# Empty 12ftx16ft pen - Let's put it to good use!



## PaigePuppy (Dec 5, 2011)

So I have an empty 12ft by 16ft pen (4ft high) that has not been used for literally years. It was originally built for the dogs, but then they figured out how to climb out haha. So I want to put this to good use! Its under a tree so there's plenty of shade. The only thing is - I live in a neighborhood (although I don't have an HOA) :/. Is there any quiet farm animals I can house for a short period (until its off to the butcher). I think that all the usual - pigs, goats, etc. - is too loud, am I right? Thats why I was thinking about meat rabbits.
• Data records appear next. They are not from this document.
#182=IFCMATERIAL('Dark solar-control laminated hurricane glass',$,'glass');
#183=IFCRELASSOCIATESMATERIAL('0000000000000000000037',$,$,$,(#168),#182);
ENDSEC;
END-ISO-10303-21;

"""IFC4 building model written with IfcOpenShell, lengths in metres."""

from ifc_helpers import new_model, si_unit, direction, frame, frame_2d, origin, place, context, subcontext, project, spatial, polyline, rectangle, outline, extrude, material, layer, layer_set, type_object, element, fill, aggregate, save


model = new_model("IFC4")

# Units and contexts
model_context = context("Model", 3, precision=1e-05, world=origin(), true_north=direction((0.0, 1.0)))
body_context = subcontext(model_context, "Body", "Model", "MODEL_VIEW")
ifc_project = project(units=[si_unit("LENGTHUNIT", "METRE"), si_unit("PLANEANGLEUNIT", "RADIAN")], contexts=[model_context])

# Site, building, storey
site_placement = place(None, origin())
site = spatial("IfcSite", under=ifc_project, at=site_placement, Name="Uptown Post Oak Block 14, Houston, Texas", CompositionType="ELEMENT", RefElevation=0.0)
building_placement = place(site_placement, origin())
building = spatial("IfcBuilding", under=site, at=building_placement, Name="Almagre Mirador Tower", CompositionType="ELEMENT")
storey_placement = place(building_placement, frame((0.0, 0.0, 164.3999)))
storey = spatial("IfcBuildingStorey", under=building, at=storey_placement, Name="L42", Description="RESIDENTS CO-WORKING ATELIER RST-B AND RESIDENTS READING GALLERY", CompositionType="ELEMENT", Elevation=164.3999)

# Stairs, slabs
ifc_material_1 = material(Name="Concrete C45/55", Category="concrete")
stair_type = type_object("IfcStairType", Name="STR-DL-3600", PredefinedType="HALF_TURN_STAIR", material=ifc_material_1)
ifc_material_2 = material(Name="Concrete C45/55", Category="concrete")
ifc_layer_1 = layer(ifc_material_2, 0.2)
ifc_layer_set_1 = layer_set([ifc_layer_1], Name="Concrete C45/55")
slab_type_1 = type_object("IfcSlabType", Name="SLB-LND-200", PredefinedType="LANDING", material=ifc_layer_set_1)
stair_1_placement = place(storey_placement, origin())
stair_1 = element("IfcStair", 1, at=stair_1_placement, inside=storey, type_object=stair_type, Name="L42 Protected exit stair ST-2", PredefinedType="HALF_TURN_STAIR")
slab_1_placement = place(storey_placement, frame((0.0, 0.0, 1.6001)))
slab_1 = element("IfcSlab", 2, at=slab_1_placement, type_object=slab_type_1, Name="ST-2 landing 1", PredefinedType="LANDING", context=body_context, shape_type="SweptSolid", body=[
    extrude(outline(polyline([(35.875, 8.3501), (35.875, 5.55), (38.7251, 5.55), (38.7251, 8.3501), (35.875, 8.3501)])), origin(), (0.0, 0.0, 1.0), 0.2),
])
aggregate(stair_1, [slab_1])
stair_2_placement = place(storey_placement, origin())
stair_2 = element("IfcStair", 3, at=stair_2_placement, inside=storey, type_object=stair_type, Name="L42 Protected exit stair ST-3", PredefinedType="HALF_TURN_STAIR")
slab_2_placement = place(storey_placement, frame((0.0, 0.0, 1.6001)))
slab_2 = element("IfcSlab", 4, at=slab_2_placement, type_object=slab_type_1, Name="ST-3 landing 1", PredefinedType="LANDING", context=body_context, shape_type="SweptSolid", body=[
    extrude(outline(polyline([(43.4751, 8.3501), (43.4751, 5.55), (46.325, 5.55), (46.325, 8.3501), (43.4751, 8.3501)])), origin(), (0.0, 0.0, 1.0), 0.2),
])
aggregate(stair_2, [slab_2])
I could build a row of cages along the two 16ft sides and have an isle in the middle to walk through. Under the cages I could grow plants and the rabbit droppings could go directly to fertilizing them. Would this work? 

Anyone have any other ideas for this empty pen?


----------



## elevan (Dec 5, 2011)

Well not all pigs, goats or sheep are loud...so I wouldn't rule them out entirely.


----------



## SheepGirl (Dec 5, 2011)

X2. My sheep aren't mouthy at all. The only time I hear my sheep "baa" is when they're talking to their babies or if I bring them to the fair or to my school's biannual petting zoo and they see me walk away from their pen...and then when I come back, they're yelling at me asking me where I went off to  lol. but my sheep are very quiet other than that. I only had one mouthy sheep (Lily), who is in the BYH calendar...but that was about it. Her baa was really obnoxious, too.


----------



## PaigePuppy (Dec 5, 2011)

Ok thats good to hear! I will definitely consider sheep then or maybe some boer goats?


----------



## secuono (Dec 5, 2011)

First and foremost, you need to call or look up your local zoning codes even allows what you want. If you don't and end up w/animals you are not allowed by the city, you will loose all of the animals and be fined! 
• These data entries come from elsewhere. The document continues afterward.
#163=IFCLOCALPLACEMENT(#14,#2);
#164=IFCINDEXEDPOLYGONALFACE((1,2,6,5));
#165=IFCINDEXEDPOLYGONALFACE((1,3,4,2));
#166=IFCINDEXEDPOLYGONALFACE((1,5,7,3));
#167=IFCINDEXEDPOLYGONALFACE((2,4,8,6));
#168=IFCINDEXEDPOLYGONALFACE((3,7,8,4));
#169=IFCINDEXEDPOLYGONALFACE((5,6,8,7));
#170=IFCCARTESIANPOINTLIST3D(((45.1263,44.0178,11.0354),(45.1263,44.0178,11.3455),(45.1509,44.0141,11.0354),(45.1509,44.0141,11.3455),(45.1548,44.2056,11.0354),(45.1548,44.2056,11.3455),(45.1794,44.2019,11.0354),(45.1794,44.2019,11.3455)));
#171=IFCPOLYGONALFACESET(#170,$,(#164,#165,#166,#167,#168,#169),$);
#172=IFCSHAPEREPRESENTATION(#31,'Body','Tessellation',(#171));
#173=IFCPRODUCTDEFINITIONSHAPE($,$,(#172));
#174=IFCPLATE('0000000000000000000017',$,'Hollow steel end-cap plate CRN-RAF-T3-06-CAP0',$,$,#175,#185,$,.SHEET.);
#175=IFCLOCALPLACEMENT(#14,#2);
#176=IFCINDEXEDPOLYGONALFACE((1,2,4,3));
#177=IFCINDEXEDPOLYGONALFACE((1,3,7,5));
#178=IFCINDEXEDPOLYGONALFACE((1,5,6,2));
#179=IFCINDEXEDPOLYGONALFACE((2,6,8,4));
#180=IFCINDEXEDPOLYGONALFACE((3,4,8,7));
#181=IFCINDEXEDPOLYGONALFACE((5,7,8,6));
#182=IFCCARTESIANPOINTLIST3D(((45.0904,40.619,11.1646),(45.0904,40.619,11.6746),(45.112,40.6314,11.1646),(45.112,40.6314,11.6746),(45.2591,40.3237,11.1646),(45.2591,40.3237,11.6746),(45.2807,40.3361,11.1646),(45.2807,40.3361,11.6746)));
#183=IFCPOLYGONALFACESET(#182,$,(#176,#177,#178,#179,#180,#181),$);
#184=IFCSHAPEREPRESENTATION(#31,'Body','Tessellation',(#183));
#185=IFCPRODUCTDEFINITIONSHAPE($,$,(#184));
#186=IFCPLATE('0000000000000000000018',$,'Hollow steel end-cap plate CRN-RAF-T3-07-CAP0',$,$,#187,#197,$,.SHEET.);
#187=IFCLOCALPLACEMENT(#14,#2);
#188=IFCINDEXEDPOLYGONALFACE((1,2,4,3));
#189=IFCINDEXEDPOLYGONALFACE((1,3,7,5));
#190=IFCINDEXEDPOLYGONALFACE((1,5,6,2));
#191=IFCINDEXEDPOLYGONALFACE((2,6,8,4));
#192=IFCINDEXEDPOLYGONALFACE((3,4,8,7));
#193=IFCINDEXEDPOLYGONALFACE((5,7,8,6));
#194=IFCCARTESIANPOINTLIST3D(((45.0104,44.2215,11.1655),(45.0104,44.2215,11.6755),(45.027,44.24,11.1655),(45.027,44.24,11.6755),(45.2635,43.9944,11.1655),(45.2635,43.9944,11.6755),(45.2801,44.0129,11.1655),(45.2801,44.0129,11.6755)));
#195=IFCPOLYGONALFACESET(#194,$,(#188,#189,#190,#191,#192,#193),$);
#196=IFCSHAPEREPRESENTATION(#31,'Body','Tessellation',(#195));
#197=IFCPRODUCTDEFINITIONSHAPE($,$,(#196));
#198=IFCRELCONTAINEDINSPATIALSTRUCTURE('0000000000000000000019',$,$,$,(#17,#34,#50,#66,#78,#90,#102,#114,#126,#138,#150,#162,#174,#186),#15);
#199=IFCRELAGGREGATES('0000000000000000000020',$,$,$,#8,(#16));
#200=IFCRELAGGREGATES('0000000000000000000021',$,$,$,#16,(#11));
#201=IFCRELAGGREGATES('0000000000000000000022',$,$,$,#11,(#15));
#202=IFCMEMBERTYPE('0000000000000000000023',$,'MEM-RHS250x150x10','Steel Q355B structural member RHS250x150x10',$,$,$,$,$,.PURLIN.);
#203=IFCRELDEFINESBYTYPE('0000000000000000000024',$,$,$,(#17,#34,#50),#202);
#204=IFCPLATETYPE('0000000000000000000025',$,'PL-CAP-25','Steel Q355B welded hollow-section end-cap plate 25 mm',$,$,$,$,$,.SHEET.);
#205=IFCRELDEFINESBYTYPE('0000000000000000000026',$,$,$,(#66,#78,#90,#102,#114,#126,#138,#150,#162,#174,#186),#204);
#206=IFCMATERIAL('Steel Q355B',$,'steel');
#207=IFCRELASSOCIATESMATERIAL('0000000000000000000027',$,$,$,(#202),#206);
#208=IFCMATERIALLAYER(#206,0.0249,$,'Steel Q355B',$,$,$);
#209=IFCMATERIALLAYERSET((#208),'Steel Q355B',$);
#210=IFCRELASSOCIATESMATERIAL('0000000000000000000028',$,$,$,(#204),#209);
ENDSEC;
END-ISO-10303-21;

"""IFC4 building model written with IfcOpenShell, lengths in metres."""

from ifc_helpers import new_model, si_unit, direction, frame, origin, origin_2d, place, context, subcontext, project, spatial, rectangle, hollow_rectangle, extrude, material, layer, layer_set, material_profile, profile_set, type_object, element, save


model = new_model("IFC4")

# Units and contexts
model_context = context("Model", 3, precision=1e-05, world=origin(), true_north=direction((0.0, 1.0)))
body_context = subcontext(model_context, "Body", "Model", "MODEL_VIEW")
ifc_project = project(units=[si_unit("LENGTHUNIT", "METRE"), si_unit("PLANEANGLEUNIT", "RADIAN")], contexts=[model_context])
Plants under the rabbit rows will be burned by the ammonia in the urine. They also poo so much in 1 or two spots that they would be burred. 
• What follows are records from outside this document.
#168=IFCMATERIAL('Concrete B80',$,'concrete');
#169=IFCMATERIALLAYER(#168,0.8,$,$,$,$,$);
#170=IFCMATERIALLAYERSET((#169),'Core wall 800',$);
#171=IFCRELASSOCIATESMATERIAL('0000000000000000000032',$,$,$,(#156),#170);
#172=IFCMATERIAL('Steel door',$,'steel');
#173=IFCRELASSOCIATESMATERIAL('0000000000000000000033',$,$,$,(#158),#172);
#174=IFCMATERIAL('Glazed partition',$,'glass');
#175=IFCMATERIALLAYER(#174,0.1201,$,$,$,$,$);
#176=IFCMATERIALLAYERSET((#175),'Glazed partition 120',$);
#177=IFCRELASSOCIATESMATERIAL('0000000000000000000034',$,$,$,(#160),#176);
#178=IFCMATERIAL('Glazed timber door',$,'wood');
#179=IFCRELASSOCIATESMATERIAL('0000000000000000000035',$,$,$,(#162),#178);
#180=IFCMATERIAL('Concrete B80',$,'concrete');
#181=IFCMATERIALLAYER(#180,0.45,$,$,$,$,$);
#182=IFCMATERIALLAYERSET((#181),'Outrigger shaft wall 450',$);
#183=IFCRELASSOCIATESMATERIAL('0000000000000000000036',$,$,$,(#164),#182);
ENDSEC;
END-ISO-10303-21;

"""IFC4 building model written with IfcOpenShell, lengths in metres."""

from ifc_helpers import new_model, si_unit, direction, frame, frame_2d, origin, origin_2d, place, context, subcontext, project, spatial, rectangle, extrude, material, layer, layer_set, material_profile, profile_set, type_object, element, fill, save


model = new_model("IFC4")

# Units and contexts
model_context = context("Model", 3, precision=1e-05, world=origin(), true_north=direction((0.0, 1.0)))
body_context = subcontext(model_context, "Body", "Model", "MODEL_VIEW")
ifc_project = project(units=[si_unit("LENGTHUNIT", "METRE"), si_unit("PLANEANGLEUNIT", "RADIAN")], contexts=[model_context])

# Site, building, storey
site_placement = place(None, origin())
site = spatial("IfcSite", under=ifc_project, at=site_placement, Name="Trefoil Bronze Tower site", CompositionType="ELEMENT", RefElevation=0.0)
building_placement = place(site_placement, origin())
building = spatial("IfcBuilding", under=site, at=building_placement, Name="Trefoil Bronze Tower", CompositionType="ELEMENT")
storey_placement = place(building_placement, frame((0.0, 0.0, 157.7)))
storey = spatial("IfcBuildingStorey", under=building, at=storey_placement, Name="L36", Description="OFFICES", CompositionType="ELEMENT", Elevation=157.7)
That's a small space for sheep or goats, have you thought what and how often you will deal with the urine, poop and food?


----------



## SmallFarmGirl (Dec 5, 2011)

If you are looking into goats I enjoy the nigerians .. They are small , compact , eat less  and are good milkers. 
They can be breed with Pygmies  and have " Pygerians " <( love that name !!  ) Pygerians are good for meat, milk , and are small so they eats less.


----------



## MyKidLuvsGreenEgz (Dec 5, 2011)

Agreed about checking zoning for your county AND your HOA rules.

My goats are loud. Nigerian dwarfs.  Our half nd/half la mancha has a very soft nicker/bleat. At 4' tall, the goats will be out of that enclosure in no time ... even my little ones can leap up 4'!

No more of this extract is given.